In a nutshell, we are building a blockchain scheme that consists of both on-chain and off-chain services.
1. On-chain services
we own a substrate-based, EVM-compatible L1 DPoS main-net that has been running smoothly for over two years. This chain is completely decentralized, thus the consensus, including the runtime logic change can only be done in a democratic way (on-chain voting).
The main-net serves as the cornerstone for the chain abstraction service, especially wherever decentralization, transparency, and traceability are demanded. Concretely, it provides the following services/features:
Modularity, security and flexibility based on substrate
Compared to other L1 chains, the whole mainnet stands out thanks to Substrate Framework:
- Modular: the core components of a blockchain system (network, consensus, runtime etc) are fully customisable and one can choose or adapt the new logic as required
- Security: it’s fully decentralized, thus no single authority can alter the chain state without going through the on-chain governance.
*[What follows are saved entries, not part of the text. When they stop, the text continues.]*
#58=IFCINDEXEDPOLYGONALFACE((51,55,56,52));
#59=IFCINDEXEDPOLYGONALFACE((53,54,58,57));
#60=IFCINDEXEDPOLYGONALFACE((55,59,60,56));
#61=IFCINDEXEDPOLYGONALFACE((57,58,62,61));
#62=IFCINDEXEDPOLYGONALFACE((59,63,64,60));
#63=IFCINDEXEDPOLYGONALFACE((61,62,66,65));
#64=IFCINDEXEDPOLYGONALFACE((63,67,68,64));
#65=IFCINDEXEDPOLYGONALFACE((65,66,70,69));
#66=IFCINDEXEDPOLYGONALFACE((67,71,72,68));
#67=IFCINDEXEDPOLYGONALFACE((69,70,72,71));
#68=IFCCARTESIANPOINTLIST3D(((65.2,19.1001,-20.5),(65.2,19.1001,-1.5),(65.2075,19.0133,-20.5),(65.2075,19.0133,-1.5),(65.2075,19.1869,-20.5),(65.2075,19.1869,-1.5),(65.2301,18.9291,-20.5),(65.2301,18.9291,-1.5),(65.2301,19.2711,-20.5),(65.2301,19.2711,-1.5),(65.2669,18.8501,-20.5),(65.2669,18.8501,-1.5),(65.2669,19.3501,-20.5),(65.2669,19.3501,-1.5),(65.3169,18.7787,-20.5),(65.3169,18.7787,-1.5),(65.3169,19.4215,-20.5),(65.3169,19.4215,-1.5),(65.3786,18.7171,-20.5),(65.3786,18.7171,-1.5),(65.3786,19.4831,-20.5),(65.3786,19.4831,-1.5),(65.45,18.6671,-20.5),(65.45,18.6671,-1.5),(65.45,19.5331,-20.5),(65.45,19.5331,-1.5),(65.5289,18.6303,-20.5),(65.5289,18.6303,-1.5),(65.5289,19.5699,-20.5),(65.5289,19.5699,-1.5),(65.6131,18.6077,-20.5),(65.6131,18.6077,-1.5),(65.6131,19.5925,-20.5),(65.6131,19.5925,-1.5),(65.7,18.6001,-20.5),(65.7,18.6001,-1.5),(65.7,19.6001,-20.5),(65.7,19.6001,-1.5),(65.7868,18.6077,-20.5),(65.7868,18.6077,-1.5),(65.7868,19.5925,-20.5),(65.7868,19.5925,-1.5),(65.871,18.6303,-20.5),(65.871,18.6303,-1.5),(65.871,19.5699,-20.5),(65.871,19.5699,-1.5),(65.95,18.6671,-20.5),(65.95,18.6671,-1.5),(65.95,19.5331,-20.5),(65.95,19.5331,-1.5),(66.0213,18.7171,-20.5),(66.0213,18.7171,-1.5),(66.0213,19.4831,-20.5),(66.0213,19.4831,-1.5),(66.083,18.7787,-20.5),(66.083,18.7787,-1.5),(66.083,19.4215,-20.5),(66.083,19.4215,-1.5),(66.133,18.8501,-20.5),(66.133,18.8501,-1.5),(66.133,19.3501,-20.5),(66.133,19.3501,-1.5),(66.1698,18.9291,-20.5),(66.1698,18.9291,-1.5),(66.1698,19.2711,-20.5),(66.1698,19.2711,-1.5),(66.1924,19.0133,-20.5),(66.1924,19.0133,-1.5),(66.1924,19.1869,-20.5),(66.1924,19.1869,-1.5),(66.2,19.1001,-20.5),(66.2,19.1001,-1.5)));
The decentralized validation-staking-slashing mechanism combined with a large amount of backed LIT tokens (currently 9M) makes it economically infeasible to attack the network.
- Flexibility: with runtime defined as WebAssembly (Wasm), the runtime logic can be changed on the fly without requiring disruptive network upgrades. It is also future-proof to easily adopt new technologies.
OmniAccount Management
Whichever account you use to log onto our system, a native on-chain account will be generated (derived) we call it — OmniAccount. We ensure that this OmniAccount has no private key and thus can only be controlled by its backed accounts. By utilizing Substrate primitives, you’ll be able to easily manage and control this account — including balance transfer, contract calls, or sending any other on-chain transaction.
Intent lifecycle tracking
User requests are stored as “intents”, which stands for the intention of what the user eventually wants to accomplish (similar to requests sent to AI model to some extent). Users only raise the intention but don’t care about how it’s processed and fulfilled in the background.
Intents can be very concrete:
I want to call the smart contract 0x12fa on the ETH network with these parameters and value
or more generalized:
I want to bridge my 1 USDT from ETH to Polygon
I want to use my 1 BTC as collateral and lend out stable coins and eventually stake them in an dApp on Arbitrum
or even more generalized:
I want use my 1 BTC to generate at least 10% APY
Such intents will be stored and tracked on-chain, but processed off-chain. Users can have a transparent view of the whole intent lifecycle — when it’s initiated, when it’s processed, when it’s finalized — and what is the processing result.
Settlement layer and roll-up finalisation
Going through the decentralized consensus, the mainnet works as the settlement layer of intent-based transactions. It functions as the single source of truth for off-chain services — both as inputs and outputs.
Additionally, it accepts, verifies and finalizes roll-up transactions from off-chain services to ensure that the state being mutated is final and trackable.
Multi-Asset Management
For use cases that go through or land on the Litentry mainnet, the assets might need to be bridged to Litentry temporarily or permanently. We accept assets from different foreign chains; they will all be manageable under the OmniAccount to provide a unified and seamless UX.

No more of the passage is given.